July 28, 2022
AlphaFold produces database of proteins after Meta publishes a rival protein-folding model
DeepMind has published predicted structures for 200 million proteins, which it says represents “nearly all cataloged proteins known to science.”
They were generated by AlphaFold, DeepMind’s AI program that can accurately determine a protein’s 3D shape from its sequence of amino acids. Initially released in 2018, DeepMind published a second version in 2020 and a year later released the source code.
DeepMind said the structures it published have the potential to “dramatically increase our understanding of biology.”
“AlphaFold is a glimpse of the future and what might be possible with computational and AI methods applied to biology,” said DeepMind CEO Demis Hassabis.
“Just as maths is the perfect description language for physics, we believe AI might turn out to be just the right technique to cope with the dynamic complexity of biology.”
What is AlphaFold?
Each living cell contains billions of proteins that act as molecular machines which control a body’s vital cell functions. Each protein consists of a string of amino acids which are arranged like a necklace.

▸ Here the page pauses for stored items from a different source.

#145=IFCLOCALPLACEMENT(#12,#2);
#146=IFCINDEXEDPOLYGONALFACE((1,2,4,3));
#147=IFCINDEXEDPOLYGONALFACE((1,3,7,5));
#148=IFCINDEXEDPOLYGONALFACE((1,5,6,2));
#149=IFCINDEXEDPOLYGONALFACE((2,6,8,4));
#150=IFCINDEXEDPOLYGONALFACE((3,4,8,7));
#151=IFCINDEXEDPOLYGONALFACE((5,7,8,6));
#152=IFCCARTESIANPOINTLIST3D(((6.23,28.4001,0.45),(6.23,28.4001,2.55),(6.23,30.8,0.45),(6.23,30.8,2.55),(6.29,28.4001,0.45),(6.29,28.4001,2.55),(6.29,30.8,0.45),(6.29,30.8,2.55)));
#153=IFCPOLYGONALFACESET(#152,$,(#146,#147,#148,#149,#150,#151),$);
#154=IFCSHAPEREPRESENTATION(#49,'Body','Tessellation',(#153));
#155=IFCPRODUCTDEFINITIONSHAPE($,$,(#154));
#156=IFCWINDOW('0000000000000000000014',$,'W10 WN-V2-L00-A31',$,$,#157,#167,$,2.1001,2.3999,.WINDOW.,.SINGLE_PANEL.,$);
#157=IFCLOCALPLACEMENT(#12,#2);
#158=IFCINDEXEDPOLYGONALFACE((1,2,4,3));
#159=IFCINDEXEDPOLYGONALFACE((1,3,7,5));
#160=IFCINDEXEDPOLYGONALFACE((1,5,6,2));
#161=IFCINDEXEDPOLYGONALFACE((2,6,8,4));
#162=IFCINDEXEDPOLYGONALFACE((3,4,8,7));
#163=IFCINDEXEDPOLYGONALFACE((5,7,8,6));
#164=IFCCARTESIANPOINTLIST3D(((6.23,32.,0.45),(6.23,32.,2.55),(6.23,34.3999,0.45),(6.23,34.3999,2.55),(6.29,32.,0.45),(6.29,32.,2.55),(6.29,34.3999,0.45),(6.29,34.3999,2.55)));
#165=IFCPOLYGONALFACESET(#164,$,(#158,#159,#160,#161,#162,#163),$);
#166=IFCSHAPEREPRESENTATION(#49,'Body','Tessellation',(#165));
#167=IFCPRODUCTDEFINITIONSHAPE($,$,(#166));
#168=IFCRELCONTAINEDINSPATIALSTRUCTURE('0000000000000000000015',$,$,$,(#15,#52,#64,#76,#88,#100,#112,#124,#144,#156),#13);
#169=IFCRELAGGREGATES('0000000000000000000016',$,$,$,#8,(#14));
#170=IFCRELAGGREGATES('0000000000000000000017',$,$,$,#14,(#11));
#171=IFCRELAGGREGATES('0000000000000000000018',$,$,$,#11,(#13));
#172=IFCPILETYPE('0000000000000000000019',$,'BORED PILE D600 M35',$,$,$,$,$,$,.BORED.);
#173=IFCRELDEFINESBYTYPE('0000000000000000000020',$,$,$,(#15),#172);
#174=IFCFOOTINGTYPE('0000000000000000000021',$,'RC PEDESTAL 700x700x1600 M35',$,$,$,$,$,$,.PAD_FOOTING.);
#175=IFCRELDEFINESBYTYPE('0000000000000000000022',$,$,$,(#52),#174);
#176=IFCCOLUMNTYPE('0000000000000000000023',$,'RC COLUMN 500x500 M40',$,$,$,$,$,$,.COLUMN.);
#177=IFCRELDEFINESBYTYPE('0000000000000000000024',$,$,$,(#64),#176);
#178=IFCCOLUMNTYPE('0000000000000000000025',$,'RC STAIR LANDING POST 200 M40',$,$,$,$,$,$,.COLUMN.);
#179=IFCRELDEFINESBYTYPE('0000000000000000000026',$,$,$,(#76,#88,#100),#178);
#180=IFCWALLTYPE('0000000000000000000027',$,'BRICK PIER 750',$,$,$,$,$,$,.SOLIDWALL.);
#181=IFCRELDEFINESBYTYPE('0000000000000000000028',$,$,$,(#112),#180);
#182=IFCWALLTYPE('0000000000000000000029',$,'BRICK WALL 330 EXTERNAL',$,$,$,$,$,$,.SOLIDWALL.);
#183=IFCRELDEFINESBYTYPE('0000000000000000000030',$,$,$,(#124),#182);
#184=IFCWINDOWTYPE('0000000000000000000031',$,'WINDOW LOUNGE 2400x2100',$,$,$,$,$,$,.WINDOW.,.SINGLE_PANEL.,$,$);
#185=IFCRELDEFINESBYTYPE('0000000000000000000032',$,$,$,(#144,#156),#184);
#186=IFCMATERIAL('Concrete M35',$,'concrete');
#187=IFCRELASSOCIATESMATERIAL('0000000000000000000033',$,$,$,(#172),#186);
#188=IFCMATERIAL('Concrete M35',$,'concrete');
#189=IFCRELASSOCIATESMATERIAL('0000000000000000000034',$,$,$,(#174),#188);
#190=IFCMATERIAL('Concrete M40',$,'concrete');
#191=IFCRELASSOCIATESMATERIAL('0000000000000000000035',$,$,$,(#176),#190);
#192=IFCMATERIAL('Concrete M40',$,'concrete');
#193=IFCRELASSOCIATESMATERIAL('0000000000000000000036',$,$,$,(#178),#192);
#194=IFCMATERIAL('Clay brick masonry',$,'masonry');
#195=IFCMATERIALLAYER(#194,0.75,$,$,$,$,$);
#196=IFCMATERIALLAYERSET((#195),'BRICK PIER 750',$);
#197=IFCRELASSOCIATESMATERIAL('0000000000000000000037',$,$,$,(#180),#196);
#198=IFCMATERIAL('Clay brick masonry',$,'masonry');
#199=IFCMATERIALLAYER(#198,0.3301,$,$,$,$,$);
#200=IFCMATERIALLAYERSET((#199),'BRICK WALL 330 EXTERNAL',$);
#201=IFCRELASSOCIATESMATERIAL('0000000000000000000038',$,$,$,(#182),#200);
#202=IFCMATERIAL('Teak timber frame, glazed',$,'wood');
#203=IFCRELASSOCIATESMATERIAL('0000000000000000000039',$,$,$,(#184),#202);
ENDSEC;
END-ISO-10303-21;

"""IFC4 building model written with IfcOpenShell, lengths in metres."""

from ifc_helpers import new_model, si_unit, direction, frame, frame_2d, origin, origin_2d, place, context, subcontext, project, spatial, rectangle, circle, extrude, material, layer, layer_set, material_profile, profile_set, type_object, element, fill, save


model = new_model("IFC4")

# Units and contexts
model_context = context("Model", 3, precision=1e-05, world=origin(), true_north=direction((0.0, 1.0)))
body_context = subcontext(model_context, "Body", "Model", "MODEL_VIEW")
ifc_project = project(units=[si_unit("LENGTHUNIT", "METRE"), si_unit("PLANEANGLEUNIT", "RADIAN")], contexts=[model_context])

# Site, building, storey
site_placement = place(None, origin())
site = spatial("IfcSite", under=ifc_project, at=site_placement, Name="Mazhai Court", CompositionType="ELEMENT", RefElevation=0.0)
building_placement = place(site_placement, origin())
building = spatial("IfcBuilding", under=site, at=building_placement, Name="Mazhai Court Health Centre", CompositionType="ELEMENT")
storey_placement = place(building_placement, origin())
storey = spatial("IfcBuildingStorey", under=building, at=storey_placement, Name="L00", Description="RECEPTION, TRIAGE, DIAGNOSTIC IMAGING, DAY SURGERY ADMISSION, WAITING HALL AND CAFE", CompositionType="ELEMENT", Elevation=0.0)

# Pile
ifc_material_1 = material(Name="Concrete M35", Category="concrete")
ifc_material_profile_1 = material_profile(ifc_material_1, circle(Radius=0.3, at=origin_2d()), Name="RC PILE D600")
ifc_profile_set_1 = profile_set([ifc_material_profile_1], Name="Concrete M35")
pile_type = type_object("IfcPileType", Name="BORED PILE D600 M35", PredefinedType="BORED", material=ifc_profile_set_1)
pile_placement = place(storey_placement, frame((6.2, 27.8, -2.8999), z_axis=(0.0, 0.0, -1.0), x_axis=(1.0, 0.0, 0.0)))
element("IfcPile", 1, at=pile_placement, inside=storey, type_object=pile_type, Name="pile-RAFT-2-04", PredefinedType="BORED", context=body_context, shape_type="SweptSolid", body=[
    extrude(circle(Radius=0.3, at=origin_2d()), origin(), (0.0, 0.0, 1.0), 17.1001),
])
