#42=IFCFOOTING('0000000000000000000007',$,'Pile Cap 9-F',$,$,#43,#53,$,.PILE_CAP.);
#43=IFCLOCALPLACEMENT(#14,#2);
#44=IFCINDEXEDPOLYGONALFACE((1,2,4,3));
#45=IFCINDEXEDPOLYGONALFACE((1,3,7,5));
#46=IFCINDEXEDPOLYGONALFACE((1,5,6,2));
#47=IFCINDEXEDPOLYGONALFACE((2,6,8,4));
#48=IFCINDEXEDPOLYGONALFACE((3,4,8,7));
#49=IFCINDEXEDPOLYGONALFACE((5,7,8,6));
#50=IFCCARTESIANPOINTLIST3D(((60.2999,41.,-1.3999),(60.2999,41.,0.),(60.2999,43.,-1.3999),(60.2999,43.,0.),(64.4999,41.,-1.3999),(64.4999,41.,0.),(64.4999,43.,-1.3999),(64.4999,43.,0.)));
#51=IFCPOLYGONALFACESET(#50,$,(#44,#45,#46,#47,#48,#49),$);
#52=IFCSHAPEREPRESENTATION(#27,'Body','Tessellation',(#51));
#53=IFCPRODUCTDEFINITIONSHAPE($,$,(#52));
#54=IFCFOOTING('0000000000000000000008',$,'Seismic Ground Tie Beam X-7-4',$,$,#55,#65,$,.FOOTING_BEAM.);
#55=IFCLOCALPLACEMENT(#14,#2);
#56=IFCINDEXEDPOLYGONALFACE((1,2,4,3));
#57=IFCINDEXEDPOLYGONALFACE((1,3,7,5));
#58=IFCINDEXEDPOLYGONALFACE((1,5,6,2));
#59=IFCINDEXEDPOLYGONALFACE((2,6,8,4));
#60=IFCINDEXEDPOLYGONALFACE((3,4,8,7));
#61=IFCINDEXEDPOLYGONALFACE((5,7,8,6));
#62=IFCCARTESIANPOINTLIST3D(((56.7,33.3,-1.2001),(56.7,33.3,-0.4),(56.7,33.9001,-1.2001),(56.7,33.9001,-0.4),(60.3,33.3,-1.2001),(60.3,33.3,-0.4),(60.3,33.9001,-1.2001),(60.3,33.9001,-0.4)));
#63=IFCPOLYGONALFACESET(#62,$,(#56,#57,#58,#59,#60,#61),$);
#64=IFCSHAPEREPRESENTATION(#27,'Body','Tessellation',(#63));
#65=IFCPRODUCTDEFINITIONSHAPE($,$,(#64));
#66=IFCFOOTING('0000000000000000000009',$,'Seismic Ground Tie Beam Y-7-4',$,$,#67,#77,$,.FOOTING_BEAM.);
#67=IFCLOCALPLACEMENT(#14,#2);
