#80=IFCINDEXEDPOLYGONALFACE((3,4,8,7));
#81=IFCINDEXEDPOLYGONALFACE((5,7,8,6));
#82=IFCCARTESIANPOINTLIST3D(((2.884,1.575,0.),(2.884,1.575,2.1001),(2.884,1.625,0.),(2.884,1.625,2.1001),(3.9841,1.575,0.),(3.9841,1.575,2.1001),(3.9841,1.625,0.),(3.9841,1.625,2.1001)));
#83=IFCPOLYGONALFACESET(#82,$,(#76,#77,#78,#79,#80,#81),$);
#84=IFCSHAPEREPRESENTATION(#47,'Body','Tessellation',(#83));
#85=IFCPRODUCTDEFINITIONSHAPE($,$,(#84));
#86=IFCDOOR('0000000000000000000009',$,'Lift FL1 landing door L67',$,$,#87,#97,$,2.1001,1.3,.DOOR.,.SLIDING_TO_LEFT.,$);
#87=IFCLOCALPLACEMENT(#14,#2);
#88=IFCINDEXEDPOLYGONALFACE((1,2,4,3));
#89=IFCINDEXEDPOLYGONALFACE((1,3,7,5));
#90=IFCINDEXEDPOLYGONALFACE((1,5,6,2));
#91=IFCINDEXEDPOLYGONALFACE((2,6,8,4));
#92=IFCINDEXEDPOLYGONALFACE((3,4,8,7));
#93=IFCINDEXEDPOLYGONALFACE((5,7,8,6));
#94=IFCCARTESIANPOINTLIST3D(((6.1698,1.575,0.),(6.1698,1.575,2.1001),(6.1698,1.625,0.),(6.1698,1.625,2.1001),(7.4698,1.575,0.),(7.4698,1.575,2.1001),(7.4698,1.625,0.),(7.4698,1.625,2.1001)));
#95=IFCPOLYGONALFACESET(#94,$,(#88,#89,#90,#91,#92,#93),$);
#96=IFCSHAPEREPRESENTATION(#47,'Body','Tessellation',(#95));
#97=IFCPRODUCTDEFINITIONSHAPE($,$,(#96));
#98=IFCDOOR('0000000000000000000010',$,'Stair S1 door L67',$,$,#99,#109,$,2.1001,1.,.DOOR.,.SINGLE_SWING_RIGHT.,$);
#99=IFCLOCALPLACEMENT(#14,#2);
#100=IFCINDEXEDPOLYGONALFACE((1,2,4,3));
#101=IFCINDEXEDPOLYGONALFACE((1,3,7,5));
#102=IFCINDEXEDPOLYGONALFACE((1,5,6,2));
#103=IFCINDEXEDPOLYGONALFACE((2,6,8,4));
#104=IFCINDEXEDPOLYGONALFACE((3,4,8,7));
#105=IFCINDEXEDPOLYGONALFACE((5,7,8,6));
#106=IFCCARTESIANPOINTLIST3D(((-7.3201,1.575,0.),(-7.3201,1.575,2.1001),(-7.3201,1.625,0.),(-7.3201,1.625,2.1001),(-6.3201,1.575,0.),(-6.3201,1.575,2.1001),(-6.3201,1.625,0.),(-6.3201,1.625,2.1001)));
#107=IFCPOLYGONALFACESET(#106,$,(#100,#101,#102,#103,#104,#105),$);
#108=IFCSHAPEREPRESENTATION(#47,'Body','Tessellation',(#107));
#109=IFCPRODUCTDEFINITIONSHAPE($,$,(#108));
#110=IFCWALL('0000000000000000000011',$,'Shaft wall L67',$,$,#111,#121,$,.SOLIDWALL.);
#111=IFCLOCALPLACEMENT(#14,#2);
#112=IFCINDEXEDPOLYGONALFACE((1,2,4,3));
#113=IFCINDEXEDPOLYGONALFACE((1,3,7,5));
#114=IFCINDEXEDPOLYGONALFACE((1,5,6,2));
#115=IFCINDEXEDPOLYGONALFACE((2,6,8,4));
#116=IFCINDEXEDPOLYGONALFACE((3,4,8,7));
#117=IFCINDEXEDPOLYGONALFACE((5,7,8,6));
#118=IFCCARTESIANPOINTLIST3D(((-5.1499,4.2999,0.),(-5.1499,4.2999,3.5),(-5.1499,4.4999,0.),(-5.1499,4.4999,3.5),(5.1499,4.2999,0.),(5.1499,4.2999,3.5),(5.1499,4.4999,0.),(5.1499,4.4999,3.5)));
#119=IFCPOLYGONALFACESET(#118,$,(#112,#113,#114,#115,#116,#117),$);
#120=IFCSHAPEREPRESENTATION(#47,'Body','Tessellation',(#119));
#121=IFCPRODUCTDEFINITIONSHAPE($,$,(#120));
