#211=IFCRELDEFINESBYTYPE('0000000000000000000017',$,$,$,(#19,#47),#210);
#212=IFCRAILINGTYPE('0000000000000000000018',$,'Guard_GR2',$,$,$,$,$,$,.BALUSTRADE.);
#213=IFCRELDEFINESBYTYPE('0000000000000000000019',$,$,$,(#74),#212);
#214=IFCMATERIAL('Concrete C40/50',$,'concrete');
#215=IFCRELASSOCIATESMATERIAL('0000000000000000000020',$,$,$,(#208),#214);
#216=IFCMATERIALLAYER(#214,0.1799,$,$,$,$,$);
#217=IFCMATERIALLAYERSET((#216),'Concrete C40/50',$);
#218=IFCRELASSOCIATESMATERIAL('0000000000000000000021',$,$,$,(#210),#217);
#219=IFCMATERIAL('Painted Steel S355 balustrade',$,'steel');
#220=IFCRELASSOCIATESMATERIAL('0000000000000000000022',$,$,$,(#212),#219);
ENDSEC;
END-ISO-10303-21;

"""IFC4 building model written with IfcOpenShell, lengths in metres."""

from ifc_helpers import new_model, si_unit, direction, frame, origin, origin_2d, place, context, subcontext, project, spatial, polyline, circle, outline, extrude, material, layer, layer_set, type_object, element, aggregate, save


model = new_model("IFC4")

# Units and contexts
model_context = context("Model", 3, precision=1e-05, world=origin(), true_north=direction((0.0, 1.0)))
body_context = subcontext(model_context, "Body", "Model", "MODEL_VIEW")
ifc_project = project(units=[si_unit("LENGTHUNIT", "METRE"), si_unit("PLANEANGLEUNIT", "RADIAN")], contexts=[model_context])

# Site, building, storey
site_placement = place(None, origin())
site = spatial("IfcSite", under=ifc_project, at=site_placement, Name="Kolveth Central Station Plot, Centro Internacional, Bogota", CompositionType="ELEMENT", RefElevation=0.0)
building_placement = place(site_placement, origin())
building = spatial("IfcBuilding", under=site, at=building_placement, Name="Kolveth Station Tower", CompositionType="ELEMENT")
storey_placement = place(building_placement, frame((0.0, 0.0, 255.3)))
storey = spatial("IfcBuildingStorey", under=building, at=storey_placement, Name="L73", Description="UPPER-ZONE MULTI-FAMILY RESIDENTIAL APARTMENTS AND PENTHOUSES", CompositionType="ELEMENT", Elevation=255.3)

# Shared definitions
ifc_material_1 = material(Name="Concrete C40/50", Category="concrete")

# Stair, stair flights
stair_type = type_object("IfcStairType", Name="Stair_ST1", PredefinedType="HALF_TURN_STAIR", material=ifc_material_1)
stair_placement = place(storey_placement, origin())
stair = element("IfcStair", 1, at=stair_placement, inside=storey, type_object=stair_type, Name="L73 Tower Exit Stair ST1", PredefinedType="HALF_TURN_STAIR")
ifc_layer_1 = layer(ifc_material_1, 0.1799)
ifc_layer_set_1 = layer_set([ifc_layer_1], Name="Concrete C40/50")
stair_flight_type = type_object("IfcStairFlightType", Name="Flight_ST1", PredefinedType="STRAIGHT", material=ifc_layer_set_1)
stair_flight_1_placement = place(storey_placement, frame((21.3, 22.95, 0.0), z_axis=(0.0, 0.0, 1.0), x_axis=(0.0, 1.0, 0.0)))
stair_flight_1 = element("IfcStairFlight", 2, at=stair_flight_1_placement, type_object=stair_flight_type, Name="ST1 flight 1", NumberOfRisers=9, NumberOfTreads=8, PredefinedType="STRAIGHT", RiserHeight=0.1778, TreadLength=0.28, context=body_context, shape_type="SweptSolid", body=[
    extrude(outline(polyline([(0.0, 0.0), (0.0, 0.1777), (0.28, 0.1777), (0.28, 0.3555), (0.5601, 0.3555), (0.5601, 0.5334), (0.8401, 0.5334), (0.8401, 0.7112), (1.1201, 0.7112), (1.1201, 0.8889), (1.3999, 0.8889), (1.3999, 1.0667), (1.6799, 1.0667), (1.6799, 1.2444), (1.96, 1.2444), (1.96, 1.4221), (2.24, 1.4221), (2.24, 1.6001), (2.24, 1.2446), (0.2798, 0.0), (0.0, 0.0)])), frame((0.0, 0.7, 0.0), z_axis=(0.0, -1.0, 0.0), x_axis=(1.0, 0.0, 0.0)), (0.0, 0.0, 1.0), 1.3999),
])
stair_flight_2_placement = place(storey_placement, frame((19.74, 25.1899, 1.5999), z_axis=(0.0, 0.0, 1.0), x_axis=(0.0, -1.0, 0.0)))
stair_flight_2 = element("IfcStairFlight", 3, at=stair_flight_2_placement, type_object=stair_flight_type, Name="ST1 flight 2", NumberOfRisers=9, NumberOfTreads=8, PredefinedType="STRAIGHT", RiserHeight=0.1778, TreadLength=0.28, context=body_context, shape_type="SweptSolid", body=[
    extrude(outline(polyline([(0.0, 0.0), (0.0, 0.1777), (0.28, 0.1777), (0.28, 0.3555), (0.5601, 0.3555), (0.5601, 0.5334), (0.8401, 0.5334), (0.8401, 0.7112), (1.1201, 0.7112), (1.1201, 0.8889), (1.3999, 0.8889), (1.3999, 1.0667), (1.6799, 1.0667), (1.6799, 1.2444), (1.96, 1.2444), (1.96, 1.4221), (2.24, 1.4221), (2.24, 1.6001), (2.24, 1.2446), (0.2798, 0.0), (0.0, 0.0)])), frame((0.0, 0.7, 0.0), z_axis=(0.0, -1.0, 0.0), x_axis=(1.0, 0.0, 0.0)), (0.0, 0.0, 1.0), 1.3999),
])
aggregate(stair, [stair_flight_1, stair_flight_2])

A protein string ‘folds’ itself into a 3D shape based on the interactions of these amino acids, which then perform different tasks in the body, such as carrying oxygen in the blood from the lungs to body tissues.
Being able to predict a protein’s 3D structure could enable faster drug discovery as scientists could better understand how the body’s proteins relate to diseases.
AlphaFold, a deep-learning neural network, aims to make that possible. The model it uses has 21 million parameters and was trained on more than 170,000 proteins from a public repository of protein sequences and structures.
The system itself uses an attention network - a deep learning technique where an algorithm recognizes parts of a larger problem — then pieces them together to obtain the overall solution. It can do this in minutes or hours, depending on the size of the protein.
Just last year, DeepMind released the protein structures for 20 species – including nearly all 20,000 proteins expressed by humans – on an open database.
Some scientists are already using some of DeepMind’s earlier predicted structures in their work. Researchers from the University of Oxford are using AlphaFold models to work out malaria parasite protein structures in a bid to find antibodies that could block transmission of the parasite.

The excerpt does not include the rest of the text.